João Macena Muniz Vieira
Pesquisador pós-doutorando na Universität zu Köln, na Alemanha, com foco na Biologia Evolutiva do Desenvolvimento de artrópodes. É doutor em Ciências Morfológicas pela UFRJ, com formação anterior em Física e Técnicas Nucleares pela UFMG. Sua pesquisa combina regulação gênica, técnicas de sequenciamento e edição genética para investigar a evolução de vias de sinalização em insetos
Pesquisadores, não sejam vítimas da cultura do escândalo
Sobrevivi ao cerco à ciência no Brasil – e vocês também podem1
Entre 2019 e 2023, cursei meu doutorado em Genética do Desenvolvimento evolutivo do besouro Tribolium castaneum na Universidade Federal do Rio de Janeiro. Meu laboratório, localizado na região costeira de Macaé, tornou-se dano colateral em uma guerra contra a ciência declarada por Jair Bolsonaro, nosso presidente de 2019 a 2022 — uma guerra que pode parecer familiar para muitos pesquisadores dos EUA agora que seu próprio presidente parece determinado a cortar financiamentos para pesquisa científica.

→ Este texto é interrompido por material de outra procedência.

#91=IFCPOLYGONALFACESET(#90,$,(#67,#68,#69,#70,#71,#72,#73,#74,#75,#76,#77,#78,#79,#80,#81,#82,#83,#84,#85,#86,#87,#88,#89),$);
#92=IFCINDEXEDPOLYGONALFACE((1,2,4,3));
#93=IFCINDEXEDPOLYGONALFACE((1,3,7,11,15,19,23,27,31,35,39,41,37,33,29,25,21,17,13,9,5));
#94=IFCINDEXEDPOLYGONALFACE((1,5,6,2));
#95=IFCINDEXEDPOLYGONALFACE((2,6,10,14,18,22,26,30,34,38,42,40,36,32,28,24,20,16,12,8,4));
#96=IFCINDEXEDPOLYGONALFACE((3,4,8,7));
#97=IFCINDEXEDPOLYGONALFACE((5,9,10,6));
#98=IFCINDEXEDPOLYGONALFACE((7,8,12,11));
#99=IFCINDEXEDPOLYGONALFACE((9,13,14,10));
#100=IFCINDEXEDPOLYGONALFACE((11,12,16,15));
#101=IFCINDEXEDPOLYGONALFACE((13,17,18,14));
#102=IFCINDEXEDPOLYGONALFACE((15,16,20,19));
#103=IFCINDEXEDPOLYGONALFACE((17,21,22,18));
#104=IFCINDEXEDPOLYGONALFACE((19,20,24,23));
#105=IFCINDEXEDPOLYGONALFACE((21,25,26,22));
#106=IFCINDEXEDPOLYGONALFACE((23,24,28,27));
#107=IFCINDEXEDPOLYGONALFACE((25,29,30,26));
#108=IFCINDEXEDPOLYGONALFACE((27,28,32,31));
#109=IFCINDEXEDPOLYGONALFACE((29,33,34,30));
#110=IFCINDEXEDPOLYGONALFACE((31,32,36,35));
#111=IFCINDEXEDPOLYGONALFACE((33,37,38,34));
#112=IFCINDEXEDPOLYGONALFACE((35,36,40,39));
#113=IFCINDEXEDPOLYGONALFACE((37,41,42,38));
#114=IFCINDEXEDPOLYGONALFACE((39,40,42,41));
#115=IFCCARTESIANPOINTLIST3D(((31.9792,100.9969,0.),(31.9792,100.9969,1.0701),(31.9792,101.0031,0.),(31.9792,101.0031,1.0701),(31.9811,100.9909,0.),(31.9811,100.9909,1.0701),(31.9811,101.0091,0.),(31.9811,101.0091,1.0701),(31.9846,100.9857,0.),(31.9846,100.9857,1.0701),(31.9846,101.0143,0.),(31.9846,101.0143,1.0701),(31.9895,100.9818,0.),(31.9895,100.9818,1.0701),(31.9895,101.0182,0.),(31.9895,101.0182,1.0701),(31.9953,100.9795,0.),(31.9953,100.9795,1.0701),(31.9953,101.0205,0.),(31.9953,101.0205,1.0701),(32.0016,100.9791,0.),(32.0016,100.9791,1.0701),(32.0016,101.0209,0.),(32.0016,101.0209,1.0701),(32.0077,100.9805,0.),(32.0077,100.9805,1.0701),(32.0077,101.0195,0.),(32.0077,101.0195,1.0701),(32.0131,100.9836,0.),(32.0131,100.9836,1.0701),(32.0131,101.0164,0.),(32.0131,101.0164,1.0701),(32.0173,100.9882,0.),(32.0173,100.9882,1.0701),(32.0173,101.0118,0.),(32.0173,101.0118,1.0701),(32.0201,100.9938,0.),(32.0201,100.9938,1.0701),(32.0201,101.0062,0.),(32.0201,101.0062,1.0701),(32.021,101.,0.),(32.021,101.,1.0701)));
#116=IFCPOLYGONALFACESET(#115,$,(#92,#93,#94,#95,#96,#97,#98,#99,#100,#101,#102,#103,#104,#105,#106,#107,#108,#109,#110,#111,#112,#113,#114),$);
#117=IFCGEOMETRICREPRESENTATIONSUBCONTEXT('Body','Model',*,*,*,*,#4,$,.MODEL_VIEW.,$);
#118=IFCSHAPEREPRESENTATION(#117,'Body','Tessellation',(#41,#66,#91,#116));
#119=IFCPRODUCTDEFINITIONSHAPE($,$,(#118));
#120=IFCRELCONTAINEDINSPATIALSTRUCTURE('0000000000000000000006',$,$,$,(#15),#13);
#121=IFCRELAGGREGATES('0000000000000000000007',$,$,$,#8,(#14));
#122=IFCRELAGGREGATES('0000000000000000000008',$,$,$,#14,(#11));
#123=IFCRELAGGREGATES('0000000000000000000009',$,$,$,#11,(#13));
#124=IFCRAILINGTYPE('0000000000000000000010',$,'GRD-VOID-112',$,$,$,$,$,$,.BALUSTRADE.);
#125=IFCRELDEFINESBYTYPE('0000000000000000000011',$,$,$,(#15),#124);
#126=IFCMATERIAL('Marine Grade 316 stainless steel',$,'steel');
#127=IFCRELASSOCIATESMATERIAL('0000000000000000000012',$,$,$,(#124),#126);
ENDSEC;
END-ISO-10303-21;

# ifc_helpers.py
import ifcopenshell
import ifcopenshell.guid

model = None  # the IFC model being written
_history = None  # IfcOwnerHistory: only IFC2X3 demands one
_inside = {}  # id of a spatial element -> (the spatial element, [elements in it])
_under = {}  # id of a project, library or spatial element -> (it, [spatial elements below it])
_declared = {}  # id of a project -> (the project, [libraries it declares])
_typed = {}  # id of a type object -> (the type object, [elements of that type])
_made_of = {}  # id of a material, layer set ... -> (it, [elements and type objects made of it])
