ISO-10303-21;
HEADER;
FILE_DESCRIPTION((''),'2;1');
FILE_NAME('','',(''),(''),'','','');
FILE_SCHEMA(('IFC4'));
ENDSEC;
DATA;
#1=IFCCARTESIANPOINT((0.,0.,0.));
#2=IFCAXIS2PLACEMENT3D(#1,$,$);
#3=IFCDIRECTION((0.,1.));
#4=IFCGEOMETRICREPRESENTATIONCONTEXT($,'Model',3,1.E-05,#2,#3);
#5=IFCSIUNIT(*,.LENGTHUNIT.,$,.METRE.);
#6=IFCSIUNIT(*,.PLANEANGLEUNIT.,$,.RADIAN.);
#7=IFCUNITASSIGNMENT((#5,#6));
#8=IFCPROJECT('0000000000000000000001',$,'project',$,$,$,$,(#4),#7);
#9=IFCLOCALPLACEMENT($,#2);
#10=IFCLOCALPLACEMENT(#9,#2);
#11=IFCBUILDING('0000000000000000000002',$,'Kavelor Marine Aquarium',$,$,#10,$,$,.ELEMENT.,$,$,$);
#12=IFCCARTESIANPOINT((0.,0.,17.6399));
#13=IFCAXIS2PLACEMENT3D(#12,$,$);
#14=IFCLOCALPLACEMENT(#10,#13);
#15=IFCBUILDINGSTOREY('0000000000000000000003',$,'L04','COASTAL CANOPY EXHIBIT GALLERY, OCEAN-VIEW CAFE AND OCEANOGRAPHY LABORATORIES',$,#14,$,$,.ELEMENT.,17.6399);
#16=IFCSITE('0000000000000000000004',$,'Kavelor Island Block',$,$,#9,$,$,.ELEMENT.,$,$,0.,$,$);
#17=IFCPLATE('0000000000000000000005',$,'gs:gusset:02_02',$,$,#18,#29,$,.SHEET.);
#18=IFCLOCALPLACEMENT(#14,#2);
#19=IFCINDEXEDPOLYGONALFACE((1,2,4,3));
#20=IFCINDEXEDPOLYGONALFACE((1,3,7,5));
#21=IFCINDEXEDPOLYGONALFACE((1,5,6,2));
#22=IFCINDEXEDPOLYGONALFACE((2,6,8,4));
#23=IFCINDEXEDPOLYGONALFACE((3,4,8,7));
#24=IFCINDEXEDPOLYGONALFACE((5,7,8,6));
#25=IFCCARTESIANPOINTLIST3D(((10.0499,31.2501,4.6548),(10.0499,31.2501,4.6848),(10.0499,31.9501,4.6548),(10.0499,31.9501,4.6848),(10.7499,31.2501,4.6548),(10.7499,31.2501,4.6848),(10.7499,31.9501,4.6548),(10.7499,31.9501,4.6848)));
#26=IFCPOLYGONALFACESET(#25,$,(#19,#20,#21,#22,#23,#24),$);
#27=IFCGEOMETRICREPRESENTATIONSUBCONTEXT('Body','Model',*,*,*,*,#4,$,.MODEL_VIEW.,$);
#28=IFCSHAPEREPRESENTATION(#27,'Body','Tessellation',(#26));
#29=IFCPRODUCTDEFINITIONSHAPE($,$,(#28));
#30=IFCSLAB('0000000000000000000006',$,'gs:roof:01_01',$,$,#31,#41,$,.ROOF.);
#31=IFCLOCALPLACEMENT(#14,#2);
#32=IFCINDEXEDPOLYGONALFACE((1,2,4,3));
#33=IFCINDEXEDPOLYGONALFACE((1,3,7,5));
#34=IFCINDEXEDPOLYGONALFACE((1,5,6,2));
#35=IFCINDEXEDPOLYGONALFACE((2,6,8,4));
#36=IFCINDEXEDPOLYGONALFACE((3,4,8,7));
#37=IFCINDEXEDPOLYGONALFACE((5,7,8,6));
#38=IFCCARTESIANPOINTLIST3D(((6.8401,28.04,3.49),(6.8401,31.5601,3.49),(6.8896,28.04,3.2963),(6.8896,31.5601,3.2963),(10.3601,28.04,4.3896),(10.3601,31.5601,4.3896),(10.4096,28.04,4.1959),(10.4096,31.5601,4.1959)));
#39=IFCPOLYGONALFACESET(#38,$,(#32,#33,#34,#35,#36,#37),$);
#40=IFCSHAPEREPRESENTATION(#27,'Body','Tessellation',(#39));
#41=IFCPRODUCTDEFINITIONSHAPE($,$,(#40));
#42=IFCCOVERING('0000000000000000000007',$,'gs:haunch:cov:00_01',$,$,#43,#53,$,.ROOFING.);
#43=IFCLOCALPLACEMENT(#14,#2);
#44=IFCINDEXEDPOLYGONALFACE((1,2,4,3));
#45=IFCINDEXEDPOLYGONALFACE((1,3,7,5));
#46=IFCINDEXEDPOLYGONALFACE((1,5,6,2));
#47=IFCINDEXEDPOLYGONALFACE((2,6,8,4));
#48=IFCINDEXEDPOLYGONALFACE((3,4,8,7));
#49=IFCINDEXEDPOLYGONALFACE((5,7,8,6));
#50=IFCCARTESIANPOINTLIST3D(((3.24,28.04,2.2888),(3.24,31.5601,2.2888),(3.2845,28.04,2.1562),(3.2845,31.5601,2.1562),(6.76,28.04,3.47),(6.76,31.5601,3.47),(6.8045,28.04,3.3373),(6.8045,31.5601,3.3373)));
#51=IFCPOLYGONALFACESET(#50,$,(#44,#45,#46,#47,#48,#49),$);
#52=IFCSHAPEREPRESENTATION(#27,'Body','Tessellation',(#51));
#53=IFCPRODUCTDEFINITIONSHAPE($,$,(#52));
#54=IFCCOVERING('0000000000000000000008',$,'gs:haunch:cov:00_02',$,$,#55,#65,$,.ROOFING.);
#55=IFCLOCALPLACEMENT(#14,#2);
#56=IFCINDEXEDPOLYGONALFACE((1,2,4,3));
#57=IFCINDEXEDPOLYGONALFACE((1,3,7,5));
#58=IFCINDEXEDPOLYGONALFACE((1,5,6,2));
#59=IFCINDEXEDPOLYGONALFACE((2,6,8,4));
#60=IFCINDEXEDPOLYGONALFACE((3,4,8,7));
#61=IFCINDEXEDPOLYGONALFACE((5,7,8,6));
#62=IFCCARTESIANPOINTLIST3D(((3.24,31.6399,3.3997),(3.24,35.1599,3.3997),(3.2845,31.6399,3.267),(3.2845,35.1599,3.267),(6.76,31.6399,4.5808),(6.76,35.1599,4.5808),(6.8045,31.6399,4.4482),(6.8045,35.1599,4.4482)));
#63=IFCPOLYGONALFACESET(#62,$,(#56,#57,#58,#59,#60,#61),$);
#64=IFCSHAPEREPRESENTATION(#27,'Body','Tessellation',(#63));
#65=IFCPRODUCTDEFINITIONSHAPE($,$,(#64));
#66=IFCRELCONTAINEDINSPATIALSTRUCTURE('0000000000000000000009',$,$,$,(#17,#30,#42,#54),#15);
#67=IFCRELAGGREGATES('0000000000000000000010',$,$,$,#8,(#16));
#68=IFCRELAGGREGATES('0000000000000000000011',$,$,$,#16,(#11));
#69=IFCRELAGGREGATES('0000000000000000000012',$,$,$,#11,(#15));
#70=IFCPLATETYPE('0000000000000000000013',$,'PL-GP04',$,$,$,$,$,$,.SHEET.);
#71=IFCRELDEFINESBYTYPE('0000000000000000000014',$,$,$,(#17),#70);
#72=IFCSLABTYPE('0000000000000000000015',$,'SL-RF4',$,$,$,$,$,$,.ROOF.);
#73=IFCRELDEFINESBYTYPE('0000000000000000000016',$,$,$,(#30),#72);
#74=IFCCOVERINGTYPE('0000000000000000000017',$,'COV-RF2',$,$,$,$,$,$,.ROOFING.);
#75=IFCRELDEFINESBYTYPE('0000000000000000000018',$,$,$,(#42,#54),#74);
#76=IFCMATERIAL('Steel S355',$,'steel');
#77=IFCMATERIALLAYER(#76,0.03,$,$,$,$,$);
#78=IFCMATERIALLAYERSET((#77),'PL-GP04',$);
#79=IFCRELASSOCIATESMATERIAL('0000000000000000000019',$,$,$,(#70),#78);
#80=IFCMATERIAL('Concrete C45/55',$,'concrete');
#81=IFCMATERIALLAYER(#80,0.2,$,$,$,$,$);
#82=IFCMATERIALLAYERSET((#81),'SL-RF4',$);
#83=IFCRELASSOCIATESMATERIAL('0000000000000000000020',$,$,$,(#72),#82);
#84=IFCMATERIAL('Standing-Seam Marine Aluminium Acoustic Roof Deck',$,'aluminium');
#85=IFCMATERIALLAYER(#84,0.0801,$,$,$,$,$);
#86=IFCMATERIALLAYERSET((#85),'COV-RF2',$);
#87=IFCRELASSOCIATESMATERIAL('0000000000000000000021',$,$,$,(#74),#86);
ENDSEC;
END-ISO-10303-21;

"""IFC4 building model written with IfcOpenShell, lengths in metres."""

from ifc_helpers import new_model, si_unit, direction, frame, origin, origin_2d, place, context, subcontext, project, spatial, polyline, rectangle, outline, extrude, material, layer, layer_set, type_object, element, save


model = new_model("IFC4")

# Units and contexts
model_context = context("Model", 3, precision=1e-05, world=origin(), true_north=direction((0.0, 1.0)))
body_context = subcontext(model_context, "Body", "Model", "MODEL_VIEW")
ifc_project = project(units=[si_unit("LENGTHUNIT", "METRE"), si_unit("PLANEANGLEUNIT", "RADIAN")], contexts=[model_context])

# Site, building, storey
site_placement = place(None, origin())
site = spatial("IfcSite", under=ifc_project, at=site_placement, Name="Kavelor Island Block", CompositionType="ELEMENT", RefElevation=0.0)
building_placement = place(site_placement, origin())
building = spatial("IfcBuilding", under=site, at=building_placement, Name="Kavelor Marine Aquarium", CompositionType="ELEMENT")
storey_placement = place(building_placement, frame((0.0, 0.0, 17.6399)))
storey = spatial("IfcBuildingStorey", under=building, at=storey_placement, Name="L04", Description="COASTAL CANOPY EXHIBIT GALLERY, OCEAN-VIEW CAFE AND OCEANOGRAPHY LABORATORIES", CompositionType="ELEMENT", Elevation=17.6399)

# Plate
ifc_material_1 = material(Name="Steel S355", Category="steel")
ifc_layer_1 = layer(ifc_material_1, 0.03)
ifc_layer_set_1 = layer_set([ifc_layer_1], Name="PL-GP04")
plate_type_1 = type_object("IfcPlateType", Name="PL-GP04", PredefinedType="SHEET", material=ifc_layer_set_1)
plate_1_placement = place(storey_placement, frame((10.3999, 31.6001, 4.6548), z_axis=(0.0, 0.0, 1.0), x_axis=(1.0, 0.0, 0.0)))
element("IfcPlate", 1, at=plate_1_placement, inside=storey, type_object=plate_type_1, Name="gs:gusset:02_02", PredefinedType="SHEET", context=body_context, shape_type="SweptSolid", body=[
    extrude(rectangle(XDim=0.7, YDim=0.7, at=origin_2d()), origin(), (0.0, 0.0, 1.0), 0.03),
])

# Slab
ifc_material_2 = material(Name="Concrete C45/55", Category="concrete")
ifc_layer_2 = layer(ifc_material_2, 0.2)
ifc_layer_set_2 = layer_set([ifc_layer_2], Name="SL-RF4")
slab_type = type_object("IfcSlabType", Name="SL-RF4", PredefinedType="ROOF", material=ifc_layer_set_2)
slab_placement = place(storey_placement, frame((6.8401, 28.04, 3.49), z_axis=(-0.247623, 0.0, 0.968856), x_axis=(0.968856, 0.0, 0.247623)))
element("IfcSlab", 2, at=slab_placement, inside=storey, type_object=slab_type, Name="gs:roof:01_01", PredefinedType="ROOF", context=body_context, shape_type="SweptSolid", body=[
    extrude(outline(polyline([(0.0, 0.0), (3.6332, 0.0), (3.6332, 3.52), (0.0, 3.52), (0.0, 0.0)])), origin(), (0.0, 0.0, -1.0), 0.2),
])

# Coverings
ifc_material_3 = material(Name="Standing-Seam Marine Aluminium Acoustic Roof Deck", Category="aluminium")
ifc_layer_3 = layer(ifc_material_3, 0.0801)
ifc_layer_set_3 = layer_set([ifc_layer_3], Name="COV-RF2")
covering_type = type_object("IfcCoveringType", Name="COV-RF2", PredefinedType="ROOFING", material=ifc_layer_set_3)
for number, where, z_axis, x_axis, name in (
    (3, (3.24, 28.04, 2.2888), (-0.318121, 0.0, 0.94805), (0.94805, 0.0, 0.318121), "gs:haunch:cov:00_01"),
    (4, (3.24, 31.6399, 3.3997), (-0.318121, 0.0, 0.94805), (0.94805, 0.0, 0.318121), "gs:haunch:cov:00_02"),
):
    element("IfcCovering", number, at=place(storey_placement, frame(where, z_axis=z_axis, x_axis=x_axis)), inside=storey, type_object=covering_type, Name=name, PredefinedType="ROOFING", context=body_context, shape_type="SweptSolid", body=[
        extrude(outline(polyline([(0.0, 0.0), (3.7129, 0.0), (3.7129, 3.52), (0.0, 3.52), (0.0, 0.0)])), origin(), (0.0, 0.0, -1.0), 0.1399),
    ])

save(model, "model.ifc")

Após a posse de Bolsonaro em 2019, mais de 5,6 mil bolsas de pesquisa desapareceram sob medidas de austeridade que miravam especialmente o ensino superior e a ciência. Os cortes deixaram milhares de pesquisadores em suspenso, enquanto agências federais como a Capes (Coordenação de Aperfeiçoamento de Pessoal de Nível Superior) e o CNPq (Conselho Nacional de Desenvolvimento Científico e Tecnológico) tiveram seus orçamentos drasticamente reduzidos. Professores corriam atrás de financiamentos emergenciais, enquanto cientistas racionavam insumos e encaravam a perspectiva de projetos paralisados.
Naquele ano, uma colega brilhante quase perdeu sua carreira quando o governo cortou sua bolsa dias antes do início do projeto. Sem aviso prévio, ela viu sua pesquisa barrada. Desesperada para não perder todo seu doutorado, ela expôs sua situação e o caso comoveu a opinião pública. O apoio surgiu rápido o bastante para impedir que ela desistisse, mas por pouco.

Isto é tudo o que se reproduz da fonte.